Shrestha Blogs

Diffusion and Flow matching are the state-of-the-art generative models for generating high-quality and diverse data in many domains (e.g., images, audio, video, graph, etc). From an optimization perspective, what makes them so appealing, compared to the previous state-of-the-art GAN based generative models, is that they have simple least squares minimization training objectives compared to the min-max optimization of GANs.

However, the presentation of the diffusion and flow matching objectives are sometimes oversimplified in blog articles and even published papers, mostly for the sake of brevity. This can be detrimental to the understanding of the models and can lead to wrong conclusion. For example, the least squares objective could convey the impression that the optimal objective value is zero [Eyring et al., 2024, Sec. 3.1]). For another example, the denoising diffusion model objective is often described as trying to estimate the noise in the noisy sample [HuggingFace Blogs 2022]. This may suggest that if the optimal solution to the objective were obtained (i.e., no optimization error), then removing the noise would result in a perfect reconstruction of the original sample.
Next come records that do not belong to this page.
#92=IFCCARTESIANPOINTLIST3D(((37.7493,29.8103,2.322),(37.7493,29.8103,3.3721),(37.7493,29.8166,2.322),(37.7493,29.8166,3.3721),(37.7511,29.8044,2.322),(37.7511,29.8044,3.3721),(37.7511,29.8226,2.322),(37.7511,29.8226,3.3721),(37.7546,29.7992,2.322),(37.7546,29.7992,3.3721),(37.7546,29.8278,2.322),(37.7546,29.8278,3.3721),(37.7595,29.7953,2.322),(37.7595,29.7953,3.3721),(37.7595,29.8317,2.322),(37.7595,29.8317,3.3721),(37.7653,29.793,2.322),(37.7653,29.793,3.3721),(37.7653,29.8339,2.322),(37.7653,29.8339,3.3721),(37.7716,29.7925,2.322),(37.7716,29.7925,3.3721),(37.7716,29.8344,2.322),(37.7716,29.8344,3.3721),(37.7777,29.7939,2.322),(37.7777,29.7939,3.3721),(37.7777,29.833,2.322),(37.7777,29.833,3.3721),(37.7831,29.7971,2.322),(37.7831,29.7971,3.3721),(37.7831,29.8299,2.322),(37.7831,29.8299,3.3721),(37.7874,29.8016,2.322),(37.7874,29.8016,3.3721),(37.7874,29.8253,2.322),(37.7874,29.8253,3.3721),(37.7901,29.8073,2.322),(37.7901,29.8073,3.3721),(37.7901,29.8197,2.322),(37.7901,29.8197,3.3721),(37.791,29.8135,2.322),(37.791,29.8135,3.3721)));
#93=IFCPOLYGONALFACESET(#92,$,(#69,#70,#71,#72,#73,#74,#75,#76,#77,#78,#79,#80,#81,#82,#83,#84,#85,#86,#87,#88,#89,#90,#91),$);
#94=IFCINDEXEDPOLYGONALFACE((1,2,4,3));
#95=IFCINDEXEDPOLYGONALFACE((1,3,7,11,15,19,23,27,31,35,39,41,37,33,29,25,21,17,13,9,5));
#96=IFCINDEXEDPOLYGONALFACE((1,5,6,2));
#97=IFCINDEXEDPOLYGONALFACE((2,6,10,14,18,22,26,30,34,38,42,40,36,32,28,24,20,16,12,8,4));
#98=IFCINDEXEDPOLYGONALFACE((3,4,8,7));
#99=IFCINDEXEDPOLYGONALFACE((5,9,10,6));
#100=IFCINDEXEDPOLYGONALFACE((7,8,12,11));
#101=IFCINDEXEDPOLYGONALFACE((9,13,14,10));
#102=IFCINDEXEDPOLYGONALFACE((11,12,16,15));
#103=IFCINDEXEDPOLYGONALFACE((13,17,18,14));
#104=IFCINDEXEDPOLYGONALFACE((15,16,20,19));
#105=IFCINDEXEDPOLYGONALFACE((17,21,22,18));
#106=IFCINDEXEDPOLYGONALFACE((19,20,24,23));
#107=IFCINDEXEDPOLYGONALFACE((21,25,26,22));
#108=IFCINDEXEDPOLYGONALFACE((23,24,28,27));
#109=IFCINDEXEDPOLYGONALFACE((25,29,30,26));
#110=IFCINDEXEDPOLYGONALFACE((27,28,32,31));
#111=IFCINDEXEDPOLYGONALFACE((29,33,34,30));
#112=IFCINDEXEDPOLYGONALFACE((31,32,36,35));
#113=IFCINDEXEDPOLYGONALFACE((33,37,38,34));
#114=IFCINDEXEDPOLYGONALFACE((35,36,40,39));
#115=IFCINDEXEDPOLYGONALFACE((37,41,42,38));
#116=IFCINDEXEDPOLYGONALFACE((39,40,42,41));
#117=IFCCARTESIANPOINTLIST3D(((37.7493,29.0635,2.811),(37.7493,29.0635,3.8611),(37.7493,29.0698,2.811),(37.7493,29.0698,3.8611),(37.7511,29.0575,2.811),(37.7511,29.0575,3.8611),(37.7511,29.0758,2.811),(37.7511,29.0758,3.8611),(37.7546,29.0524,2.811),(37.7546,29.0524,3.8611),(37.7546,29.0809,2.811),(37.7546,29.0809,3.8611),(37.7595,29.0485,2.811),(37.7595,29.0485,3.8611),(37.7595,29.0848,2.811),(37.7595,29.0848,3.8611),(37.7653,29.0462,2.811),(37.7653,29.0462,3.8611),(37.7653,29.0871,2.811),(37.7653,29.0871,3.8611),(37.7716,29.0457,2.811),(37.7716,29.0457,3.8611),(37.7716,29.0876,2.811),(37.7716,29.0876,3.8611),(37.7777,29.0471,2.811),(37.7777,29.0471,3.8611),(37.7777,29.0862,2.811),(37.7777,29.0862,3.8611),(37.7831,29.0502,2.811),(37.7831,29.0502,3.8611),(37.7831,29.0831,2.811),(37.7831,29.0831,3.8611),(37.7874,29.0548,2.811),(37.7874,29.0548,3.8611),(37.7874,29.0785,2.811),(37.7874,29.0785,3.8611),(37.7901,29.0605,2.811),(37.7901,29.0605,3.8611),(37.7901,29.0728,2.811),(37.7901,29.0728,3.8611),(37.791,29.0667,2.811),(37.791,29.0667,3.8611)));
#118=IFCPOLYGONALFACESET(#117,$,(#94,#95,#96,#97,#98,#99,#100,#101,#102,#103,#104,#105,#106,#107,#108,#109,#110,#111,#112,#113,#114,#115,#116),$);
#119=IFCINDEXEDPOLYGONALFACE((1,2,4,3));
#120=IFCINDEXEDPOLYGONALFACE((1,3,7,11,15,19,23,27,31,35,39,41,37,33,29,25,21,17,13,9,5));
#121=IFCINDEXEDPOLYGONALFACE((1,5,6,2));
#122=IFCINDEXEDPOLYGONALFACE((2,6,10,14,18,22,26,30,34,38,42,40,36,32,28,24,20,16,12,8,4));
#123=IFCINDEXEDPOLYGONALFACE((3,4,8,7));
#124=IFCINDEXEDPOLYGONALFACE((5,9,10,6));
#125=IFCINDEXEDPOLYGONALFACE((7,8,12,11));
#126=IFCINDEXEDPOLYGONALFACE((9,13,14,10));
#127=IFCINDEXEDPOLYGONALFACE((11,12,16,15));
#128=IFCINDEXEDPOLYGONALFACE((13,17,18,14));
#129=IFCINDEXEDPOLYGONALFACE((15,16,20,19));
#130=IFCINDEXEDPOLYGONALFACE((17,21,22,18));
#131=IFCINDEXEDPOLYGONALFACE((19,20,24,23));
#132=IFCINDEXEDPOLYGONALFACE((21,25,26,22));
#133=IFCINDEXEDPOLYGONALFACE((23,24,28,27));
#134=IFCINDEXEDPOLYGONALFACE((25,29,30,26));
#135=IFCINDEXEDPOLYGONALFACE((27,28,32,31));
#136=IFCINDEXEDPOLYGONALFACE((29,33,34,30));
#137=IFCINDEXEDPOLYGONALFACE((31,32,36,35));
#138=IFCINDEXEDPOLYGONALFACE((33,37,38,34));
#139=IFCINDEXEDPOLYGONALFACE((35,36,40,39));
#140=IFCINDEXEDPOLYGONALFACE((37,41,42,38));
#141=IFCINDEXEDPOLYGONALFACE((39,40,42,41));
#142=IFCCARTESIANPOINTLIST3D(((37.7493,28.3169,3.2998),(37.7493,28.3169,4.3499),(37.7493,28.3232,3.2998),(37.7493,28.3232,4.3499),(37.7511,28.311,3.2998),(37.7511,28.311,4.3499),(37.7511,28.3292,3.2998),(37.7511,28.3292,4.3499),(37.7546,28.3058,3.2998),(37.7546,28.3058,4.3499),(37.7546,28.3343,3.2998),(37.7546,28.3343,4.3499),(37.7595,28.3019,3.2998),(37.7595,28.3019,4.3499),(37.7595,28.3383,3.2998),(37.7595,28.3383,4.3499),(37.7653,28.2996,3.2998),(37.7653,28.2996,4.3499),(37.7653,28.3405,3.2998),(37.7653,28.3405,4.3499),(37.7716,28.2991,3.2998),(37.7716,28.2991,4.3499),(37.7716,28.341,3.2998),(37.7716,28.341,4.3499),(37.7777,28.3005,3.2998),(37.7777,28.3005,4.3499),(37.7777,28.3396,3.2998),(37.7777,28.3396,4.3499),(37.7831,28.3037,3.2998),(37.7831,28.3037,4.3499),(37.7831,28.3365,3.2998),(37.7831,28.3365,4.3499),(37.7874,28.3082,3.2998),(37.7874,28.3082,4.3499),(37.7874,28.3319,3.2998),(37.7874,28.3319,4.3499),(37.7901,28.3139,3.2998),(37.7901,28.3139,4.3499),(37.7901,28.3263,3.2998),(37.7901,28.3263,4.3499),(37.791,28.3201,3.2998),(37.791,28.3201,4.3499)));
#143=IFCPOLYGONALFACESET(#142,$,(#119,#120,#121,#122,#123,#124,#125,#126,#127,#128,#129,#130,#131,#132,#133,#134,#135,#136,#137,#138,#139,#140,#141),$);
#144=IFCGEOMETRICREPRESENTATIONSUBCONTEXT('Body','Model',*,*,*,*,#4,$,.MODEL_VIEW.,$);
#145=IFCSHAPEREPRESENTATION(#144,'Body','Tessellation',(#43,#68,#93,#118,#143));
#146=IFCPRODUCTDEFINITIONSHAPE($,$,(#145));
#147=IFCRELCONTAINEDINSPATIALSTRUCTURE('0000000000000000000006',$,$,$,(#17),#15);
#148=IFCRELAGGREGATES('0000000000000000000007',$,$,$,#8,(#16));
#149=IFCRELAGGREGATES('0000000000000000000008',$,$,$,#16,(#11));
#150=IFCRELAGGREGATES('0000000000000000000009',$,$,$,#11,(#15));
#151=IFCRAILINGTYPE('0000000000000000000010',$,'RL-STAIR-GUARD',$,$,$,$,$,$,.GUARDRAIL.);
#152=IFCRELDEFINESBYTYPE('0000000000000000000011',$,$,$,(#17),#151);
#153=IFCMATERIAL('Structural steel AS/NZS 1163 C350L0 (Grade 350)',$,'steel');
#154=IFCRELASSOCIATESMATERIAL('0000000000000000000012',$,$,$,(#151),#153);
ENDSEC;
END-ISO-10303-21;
Hence no iterative/Langevin sampling is needed. However, this is not the case. The correct interpretation has a subtle but important difference: diffusion models estimates the the "expected" value of the noise given the noisy sample. Therefore, the estimated denoising direction is only correct for infitesimally small steps.

An important observation that stems from this understanding is that the objective value is not saturated (zero) at the optimal solution, in general. Rather, it is a positive quantity that depends upon the data distributions and the choice of some hyperparameters such as noise scale schedule. This implies that the absolute value of the objective in itself is not an informative quantity for hyperparamter tuning and convergence analysis.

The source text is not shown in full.